Temporal near fields of a missile structure under plane wave illumination

• Published in: Proceedings IEEE Southeastcon '98 'Engineering for a New Era' pp. 126 - 127
• Main Author: Donohoe, J.P.
• Format: Conference Proceeding
• Language: English
• Published: IEEE 1998
• Subjects: Electromagnetic fields; Electromagnetic modeling; Electromagnetic transients; EMP radiation effects; Frequency; Lighting; Resonance; Rockets; Skin; Time domain analysis
• ISBN: 9780780343917; 0780343913
• DOI: 10.1109/SECON.1998.673308

Summary form only given. Discusses the interaction of a transient EM field with a conducting cylindrical body. The physical features of the body-of-revolution (BOR) model and the characteristics of the incident wave are of prime importance with regard to the means of interaction. The conducting BOR studied is a simplified missile structure consisting of a straight cylinder which is closed with an endcap on one end and linearly-tapered to a circular aperture on the opposite end. Different types of incident ultra-wideband plane waves are considered.

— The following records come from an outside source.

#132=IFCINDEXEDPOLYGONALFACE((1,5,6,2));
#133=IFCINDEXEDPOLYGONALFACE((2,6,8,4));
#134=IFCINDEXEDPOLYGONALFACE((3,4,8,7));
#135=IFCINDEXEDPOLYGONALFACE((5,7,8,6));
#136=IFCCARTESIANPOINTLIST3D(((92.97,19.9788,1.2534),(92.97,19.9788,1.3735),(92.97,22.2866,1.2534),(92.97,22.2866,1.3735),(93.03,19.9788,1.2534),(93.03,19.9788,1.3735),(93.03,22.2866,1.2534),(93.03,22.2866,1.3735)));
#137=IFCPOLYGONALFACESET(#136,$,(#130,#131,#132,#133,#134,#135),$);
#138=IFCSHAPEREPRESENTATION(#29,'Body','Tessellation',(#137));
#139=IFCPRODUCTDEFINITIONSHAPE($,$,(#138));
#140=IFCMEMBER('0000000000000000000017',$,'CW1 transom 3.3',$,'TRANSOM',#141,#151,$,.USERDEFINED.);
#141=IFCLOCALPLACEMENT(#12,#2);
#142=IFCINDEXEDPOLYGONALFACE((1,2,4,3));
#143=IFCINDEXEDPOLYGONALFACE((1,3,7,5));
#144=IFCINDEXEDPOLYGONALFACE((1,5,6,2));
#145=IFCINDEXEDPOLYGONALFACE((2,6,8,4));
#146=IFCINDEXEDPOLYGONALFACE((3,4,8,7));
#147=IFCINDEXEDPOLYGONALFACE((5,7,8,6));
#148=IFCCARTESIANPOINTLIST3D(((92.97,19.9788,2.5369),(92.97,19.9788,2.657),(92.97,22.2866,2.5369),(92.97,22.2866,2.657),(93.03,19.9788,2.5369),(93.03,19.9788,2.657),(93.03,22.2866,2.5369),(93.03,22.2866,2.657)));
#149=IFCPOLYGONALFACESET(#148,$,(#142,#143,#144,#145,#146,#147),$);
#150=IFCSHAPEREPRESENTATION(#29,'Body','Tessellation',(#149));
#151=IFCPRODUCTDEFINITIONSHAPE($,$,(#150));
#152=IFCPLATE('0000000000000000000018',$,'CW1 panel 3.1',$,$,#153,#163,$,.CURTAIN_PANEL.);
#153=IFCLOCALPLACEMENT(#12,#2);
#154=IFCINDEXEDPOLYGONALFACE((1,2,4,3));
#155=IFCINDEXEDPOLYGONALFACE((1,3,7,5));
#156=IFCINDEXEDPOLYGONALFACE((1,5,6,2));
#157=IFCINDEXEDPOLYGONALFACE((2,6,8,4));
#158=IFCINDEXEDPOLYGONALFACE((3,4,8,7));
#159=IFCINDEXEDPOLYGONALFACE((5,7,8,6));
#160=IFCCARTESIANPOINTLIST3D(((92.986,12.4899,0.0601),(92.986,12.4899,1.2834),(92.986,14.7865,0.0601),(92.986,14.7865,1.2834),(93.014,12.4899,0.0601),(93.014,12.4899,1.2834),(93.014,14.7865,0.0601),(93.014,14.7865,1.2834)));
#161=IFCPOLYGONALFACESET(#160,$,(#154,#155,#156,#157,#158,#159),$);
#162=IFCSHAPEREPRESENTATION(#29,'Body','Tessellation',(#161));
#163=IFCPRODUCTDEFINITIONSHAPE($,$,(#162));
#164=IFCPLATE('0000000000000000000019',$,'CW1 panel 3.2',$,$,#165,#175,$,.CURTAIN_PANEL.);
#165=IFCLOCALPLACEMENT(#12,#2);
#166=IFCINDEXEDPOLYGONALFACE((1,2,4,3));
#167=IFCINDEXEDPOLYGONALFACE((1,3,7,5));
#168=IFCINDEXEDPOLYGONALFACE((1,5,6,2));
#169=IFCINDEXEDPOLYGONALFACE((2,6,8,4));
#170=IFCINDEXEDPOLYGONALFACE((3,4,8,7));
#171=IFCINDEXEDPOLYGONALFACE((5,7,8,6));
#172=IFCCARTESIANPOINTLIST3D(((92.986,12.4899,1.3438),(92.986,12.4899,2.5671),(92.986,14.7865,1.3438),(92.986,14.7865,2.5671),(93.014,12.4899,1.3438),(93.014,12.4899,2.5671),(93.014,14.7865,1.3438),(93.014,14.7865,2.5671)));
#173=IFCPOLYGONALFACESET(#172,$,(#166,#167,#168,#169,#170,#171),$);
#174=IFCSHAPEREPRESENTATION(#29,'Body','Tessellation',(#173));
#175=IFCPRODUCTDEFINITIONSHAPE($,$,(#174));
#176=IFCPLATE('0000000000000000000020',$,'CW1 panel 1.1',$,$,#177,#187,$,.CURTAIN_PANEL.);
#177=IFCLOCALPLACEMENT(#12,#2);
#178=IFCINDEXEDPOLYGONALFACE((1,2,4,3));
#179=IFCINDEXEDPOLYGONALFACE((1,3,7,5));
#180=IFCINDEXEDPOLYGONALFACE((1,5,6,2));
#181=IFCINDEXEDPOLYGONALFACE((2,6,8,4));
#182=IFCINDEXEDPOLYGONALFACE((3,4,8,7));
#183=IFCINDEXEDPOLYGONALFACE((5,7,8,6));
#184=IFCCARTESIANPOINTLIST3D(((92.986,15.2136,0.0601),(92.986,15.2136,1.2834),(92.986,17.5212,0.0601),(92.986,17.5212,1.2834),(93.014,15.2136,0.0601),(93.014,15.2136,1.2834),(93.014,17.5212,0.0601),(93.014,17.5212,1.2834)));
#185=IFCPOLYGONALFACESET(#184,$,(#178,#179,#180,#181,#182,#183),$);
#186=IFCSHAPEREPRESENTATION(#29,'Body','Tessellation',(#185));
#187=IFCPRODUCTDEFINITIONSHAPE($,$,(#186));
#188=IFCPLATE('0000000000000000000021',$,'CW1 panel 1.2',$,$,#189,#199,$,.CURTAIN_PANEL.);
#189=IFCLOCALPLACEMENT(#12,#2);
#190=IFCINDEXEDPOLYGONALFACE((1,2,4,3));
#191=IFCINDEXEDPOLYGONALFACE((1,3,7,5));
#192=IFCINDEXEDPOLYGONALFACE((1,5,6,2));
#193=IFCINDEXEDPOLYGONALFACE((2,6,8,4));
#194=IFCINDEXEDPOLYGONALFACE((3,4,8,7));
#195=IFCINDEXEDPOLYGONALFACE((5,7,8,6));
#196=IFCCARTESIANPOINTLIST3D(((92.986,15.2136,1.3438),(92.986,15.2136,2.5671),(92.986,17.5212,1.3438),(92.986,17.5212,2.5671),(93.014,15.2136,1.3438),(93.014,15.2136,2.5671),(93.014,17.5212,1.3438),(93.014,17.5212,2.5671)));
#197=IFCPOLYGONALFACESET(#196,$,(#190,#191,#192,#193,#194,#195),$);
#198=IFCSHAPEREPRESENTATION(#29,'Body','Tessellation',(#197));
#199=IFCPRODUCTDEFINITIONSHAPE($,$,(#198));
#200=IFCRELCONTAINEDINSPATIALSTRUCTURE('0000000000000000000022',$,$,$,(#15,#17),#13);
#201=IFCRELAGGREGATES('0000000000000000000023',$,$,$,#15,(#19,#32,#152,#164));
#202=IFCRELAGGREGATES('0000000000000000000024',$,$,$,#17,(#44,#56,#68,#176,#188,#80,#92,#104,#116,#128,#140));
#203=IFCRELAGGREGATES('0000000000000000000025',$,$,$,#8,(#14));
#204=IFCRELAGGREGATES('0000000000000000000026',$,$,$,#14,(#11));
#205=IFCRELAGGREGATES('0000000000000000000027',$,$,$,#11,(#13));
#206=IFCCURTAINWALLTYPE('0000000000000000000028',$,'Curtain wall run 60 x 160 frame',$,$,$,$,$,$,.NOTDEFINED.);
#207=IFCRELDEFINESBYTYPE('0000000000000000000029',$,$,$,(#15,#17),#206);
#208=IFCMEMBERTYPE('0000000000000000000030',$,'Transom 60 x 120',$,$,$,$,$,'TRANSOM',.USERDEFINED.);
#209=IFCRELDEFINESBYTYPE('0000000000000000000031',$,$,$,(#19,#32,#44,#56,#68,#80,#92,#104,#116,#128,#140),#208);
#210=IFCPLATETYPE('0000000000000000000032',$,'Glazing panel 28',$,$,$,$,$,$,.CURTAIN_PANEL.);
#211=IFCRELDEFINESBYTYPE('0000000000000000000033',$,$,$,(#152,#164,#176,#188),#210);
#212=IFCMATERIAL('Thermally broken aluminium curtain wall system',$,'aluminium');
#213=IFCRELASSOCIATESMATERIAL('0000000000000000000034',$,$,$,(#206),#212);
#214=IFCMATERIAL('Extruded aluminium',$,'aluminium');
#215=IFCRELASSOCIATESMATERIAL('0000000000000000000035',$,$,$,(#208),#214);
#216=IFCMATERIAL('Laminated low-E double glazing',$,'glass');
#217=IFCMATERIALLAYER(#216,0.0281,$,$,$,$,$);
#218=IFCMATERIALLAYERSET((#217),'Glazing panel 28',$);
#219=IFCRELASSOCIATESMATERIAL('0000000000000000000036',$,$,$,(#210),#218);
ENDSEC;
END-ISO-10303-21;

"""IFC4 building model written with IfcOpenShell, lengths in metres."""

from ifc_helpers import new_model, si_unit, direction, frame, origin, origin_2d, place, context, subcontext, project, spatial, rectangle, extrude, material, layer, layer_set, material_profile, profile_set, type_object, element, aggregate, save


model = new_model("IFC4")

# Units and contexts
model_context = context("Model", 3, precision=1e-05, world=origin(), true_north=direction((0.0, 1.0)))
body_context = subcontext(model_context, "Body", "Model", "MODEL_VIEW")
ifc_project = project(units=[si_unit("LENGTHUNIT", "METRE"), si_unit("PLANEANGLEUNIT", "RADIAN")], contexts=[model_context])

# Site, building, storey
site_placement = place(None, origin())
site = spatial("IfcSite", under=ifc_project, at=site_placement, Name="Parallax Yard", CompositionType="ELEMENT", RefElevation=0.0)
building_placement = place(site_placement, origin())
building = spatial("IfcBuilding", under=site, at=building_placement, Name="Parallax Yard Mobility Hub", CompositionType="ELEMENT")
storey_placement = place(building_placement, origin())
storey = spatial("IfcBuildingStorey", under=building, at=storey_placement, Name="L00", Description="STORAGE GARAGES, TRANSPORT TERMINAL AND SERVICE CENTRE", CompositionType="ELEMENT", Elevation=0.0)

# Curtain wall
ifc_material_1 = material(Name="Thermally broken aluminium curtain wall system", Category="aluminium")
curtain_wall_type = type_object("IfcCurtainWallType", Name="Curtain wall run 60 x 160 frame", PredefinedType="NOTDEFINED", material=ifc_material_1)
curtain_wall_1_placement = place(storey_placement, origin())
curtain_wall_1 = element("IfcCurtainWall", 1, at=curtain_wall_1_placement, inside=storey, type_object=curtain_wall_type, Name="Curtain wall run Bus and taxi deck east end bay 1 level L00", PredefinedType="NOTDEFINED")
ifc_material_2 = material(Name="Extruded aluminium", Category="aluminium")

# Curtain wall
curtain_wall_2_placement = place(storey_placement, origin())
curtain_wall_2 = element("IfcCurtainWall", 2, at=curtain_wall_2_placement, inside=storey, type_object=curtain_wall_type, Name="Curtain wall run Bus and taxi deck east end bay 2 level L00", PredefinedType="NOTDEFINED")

The standard Gaussian temporal waveshape is investigated along with a wave that resembles a short single cycle sine wave (designated as the non-Gaussian plane wave). The structure response which is of particular interest is the axial electric field at the center of the BOR aperture which represents the field in the nose cone of the missile. The fins and other external details are omitted in this model since the dominant structure resonance corresponds to longitudinal skin currents occurring at a frequency where the axial length of the BOR is approximately one-half wavelength. The time domain response of the BOR to a given incident pulse is determined via the following approach. The response of the BOR to a true time-domain impulse (flat spectrum) is computed in the frequency domain via the method of moments. The range of frequencies computed is governed by the upper limit on the spectral content of the incident pulse. The product of the incident pulse spectrum and the impulse spectral response is found and the overall time-domain response is determined.